Metadata is data that describes the properties of other data. Metadata has many purposes, such as tracking data’s history, understanding relationships between data, and creating searchable data indexes.
What are the Types of Metadata?
All metadata exists in relation to something else. For example, a restaurant menu is a type of metadata. Each menu item contains a name, description, and price for a meal that the restaurant sells.
In an enterprise context, metadata usually relates to other data. This can be data in a relational database table, or data that exists in flat files or JSON; it can be structured data in a data warehouse or vast quantities of unstructured data in a data lake.
Data is diverse, and so too is metadata. But it breaks down into three main categories: administrative, structural, and descriptive.
This kind of metadata is essential in any good data management system. Administrative data includes information about data lineage, which includes data provenance and records of any changes or updates.
An example of this is a shared document in Word, Google Docs, or other similar applications. One person will create the document, title it, and save it. Another person may then open the document and add some text. A third person might come along and edit the text, while a fourth might rename it.
Some applications will track all of this activity and store it as administrative metadata. This allows future users to discover important details like the document creation date, the identity of the author, and the last edit date.
On a larger scale, administrative metadata plays a vital part in the ETL (Extract, Transform, Load) process. This process can move substantial amounts of data from one location to another while applying essential changes to the data values.
Good data governance means keeping a log of all of these events, as well as recording details such as data provenance. This ensures that there is always full transparency when populating a data warehouse.
Structural metadata tells us about the relationships between data. For example, an organization might store their employee records in an HR system. Each employee will have the same type of record within that system, whether they are an intern or the CEO.
To reflect the company hierarchy, the HR team will need some structural metadata that describes relationships between employees. A department manager’s HR record might have structural metadata that looks like this:
Position: Finance manager 1 |-Reports to: Chief Finance Officer 1 |-Reporting to: Finance employee 1, Finance employee 2, Finance employee 3
This metadata doesn’t offer any information about the individual’s record. However, it does help the HR team keep track of how all of these records relate to each other. The sum total of this structural metadata describes the entire company hierarchy.

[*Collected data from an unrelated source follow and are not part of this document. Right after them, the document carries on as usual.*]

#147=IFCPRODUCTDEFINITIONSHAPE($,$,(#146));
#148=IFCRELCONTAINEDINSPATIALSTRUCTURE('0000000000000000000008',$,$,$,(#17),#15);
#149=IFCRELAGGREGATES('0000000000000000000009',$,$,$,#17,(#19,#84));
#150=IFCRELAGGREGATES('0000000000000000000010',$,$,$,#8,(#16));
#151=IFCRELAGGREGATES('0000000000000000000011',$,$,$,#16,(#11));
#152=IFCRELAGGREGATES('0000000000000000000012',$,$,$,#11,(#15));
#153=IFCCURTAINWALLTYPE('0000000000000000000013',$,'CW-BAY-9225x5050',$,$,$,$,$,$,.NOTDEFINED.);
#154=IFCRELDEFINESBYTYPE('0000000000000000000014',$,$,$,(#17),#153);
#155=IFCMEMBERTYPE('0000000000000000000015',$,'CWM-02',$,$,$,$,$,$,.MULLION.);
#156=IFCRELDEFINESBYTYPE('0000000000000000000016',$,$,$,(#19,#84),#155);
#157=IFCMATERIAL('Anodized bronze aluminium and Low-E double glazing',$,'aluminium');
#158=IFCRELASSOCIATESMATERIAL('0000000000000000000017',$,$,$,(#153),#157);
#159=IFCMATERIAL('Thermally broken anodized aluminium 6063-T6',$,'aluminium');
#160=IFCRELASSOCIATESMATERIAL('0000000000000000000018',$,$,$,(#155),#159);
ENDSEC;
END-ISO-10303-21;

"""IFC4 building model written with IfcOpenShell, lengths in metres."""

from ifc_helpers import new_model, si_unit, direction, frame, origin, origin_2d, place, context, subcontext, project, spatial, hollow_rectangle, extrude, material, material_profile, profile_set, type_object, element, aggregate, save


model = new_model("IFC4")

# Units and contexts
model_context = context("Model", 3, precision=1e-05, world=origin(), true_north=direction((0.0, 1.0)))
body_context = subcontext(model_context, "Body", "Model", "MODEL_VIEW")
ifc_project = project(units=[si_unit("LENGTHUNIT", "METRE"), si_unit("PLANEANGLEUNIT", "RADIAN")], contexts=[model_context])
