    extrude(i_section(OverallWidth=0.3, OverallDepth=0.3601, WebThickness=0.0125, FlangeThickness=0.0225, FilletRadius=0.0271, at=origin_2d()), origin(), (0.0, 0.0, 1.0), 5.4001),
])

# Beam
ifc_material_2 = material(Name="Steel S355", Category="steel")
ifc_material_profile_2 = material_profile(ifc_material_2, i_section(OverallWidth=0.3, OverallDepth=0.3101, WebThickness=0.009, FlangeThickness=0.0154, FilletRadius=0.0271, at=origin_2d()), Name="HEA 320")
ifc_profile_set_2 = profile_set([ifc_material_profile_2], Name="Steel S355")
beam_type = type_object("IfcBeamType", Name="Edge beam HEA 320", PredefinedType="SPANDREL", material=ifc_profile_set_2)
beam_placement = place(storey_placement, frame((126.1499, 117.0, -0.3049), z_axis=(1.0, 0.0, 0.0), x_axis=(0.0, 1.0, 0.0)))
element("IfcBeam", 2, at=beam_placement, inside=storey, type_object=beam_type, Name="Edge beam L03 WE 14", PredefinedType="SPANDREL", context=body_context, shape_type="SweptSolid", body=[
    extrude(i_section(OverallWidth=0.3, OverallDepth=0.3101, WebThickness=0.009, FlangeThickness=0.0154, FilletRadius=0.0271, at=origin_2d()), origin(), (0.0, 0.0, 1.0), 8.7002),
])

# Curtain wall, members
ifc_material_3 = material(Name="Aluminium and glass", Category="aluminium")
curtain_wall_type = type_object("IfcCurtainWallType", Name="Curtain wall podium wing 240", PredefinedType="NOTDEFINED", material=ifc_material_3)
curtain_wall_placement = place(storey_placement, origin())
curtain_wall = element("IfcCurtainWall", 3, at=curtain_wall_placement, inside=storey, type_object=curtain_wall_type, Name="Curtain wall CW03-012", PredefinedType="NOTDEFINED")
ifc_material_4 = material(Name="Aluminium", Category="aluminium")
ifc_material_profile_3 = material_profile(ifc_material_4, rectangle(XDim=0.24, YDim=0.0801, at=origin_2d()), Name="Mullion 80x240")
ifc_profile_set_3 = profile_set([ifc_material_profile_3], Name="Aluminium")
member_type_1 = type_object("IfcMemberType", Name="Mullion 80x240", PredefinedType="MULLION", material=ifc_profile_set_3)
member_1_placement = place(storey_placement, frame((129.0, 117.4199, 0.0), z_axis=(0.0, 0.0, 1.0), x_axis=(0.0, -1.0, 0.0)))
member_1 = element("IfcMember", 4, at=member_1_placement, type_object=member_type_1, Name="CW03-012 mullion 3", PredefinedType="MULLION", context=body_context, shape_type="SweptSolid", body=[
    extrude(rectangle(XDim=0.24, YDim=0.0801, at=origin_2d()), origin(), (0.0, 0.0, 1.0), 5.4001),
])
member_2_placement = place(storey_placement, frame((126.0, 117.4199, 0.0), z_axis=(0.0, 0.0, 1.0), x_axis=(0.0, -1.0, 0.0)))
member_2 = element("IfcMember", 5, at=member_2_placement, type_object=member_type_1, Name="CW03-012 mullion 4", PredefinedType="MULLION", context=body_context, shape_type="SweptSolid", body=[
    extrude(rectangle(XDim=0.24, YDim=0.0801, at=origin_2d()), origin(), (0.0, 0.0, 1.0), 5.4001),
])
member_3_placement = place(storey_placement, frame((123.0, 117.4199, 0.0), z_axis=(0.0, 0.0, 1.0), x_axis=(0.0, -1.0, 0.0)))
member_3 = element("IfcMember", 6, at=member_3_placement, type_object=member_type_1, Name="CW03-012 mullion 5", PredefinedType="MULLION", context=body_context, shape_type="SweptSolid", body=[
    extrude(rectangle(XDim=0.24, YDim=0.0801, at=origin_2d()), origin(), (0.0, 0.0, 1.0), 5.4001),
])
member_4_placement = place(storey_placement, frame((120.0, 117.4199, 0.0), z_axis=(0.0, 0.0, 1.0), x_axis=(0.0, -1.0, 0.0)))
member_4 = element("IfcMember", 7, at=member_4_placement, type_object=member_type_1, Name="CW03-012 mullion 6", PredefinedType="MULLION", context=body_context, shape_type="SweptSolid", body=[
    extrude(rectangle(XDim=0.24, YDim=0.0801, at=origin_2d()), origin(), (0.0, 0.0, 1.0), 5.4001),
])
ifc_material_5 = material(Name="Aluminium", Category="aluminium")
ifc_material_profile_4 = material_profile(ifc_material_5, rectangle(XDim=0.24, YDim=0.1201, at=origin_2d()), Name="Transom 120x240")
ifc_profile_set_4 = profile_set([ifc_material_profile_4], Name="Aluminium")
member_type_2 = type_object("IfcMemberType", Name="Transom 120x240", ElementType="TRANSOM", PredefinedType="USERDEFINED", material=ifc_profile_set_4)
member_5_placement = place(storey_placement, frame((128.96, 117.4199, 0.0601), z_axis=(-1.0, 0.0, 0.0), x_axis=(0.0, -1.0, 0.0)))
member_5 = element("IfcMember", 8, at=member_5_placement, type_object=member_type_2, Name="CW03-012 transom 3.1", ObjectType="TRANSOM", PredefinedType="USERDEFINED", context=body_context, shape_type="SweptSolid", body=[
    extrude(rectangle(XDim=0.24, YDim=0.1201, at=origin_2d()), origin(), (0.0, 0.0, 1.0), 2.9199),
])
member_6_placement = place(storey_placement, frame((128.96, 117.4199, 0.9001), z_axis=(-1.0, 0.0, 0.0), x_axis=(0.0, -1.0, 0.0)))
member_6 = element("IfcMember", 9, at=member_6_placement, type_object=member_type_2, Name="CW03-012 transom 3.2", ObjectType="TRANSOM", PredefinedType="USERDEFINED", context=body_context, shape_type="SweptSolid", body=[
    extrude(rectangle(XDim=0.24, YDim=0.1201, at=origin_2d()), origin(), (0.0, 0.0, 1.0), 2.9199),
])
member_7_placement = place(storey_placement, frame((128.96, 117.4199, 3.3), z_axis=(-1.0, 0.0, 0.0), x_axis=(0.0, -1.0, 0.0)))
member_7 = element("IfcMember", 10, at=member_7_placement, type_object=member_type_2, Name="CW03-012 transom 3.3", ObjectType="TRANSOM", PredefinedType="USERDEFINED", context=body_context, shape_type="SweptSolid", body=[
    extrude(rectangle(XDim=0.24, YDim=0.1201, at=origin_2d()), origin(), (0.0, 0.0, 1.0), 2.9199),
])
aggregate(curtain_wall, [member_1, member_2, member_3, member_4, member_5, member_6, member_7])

Structural metadata can exist on any level. You can find it within a document – a book’s table of contents is one example of structural metadata. It can also describe the structure of a relational database or the contents of a repository, such as a data warehouse.

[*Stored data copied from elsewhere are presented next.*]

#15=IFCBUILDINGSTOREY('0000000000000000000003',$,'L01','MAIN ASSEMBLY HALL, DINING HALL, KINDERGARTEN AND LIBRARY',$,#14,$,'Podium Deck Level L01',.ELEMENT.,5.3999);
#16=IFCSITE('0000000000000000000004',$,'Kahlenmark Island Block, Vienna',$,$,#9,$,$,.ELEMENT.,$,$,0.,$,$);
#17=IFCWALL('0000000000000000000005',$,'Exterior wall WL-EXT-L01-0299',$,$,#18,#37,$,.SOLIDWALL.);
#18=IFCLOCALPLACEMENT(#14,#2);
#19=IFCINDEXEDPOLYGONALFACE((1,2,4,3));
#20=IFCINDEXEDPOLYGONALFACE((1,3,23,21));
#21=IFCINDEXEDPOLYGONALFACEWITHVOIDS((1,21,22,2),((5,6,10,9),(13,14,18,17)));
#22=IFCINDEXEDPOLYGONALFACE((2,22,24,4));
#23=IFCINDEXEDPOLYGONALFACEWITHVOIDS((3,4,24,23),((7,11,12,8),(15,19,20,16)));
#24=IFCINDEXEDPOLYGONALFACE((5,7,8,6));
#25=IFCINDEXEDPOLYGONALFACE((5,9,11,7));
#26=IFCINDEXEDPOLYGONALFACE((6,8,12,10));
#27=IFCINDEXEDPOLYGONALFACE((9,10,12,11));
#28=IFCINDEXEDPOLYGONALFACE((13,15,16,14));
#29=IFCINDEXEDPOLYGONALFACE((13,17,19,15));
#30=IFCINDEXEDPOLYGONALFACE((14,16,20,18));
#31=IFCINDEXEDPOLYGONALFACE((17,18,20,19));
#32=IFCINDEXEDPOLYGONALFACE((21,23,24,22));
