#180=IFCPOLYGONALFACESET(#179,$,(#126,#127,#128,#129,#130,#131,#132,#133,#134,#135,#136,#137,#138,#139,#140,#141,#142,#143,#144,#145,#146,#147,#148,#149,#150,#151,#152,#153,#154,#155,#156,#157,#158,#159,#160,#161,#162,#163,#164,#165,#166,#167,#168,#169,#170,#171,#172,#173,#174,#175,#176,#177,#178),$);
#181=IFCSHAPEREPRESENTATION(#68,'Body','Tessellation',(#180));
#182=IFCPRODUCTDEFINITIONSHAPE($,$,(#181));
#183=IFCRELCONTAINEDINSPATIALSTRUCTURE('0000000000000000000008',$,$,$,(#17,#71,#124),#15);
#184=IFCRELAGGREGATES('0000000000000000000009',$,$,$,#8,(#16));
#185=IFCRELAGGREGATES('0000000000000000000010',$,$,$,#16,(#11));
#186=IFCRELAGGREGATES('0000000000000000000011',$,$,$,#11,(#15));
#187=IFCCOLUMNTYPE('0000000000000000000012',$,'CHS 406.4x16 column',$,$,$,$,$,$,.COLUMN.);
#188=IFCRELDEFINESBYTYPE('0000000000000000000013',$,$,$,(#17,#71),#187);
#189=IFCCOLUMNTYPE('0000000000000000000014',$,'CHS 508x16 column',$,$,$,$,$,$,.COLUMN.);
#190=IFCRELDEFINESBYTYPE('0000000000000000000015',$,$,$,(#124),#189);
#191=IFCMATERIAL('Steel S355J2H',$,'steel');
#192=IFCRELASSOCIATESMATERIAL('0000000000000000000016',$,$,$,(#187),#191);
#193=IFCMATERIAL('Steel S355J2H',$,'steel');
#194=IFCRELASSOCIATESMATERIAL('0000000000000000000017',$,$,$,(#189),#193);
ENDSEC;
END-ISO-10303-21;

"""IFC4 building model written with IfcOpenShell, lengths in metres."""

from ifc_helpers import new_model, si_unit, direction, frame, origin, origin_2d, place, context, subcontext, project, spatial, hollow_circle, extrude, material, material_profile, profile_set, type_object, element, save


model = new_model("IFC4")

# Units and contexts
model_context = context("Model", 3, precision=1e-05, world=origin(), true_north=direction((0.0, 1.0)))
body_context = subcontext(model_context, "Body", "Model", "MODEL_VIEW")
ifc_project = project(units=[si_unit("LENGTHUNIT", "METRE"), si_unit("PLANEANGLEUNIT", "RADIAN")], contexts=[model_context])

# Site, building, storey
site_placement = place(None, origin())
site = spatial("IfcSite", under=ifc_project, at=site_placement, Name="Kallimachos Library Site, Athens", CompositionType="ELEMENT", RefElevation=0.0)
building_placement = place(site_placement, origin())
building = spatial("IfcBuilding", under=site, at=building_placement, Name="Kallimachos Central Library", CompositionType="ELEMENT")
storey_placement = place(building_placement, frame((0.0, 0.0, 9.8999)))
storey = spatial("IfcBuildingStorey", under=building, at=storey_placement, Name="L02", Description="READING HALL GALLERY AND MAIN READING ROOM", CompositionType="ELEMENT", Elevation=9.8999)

Descriptive metadata gives information about the underlying entity. For example, in a large and diverse document store, descriptive metadata might include details about individual documents such as:
- Filename or unique identifier
- Document title
- Author or source
- Genre or topic
- File size
- Rights information
- Meta tags
This type of metadata existed in pre-digital libraries, where card indexes represented the books on the shelves. The cards each contained information about one book in the library, with details such as title, author, ISBN, and classification.
We use something similar in most modern operating systems, where we can search for files on a drive according to name, location, size, or format. This kind of search looks at the file’s descriptive metadata and returns every item that matches the search.
How is Metadata Used?
Metadata is one of the key components of a good data governance strategy. Having the right metadata allows enterprises to do things such as:
Metadata makes it easier to search for data; the more detailed the metadata, the more accurate the search results. An example of this is a data lake, which is a vast repository of unstructured data. This kind of structure is only functional because the file system keeps detailed metadata about the contents of the lake.
Reusing data can help to improve efficiency. For example, if data has passed through a transformation process, then it doesn’t need to go through transformation again. Metadata can help keep track of data lineage, including details of any changes or integration. Users can simply check the metadata to see if the data meets their required standards.
A data dictionary is a template for the business’s data structures. It outlines all of the fields, data types, relationships, and access permissions for each data source. This dictionary is, in itself, a type of metadata, but the business will derive this dictionary from its available metadata. The data dictionary then serves to guide all future data projects.
Metadata is essential in system integrations. For example, consider an ETL process where data flows from a production system to a data warehouse. The ETL process has to ensure that it’s not overwriting the most recent data with an older version. It does this by comparing metadata and establishing which version is most recent.
Analytics and Business Intelligence
Metadata can act as a rich source of information for data analytics and business intelligence tools. For example, administrative metadata will provide the creation date for a particular data item. An analytics tool could study all of these dates and identify trends over time. Metadata is also important in data exploration, which is an essential first step in analytics.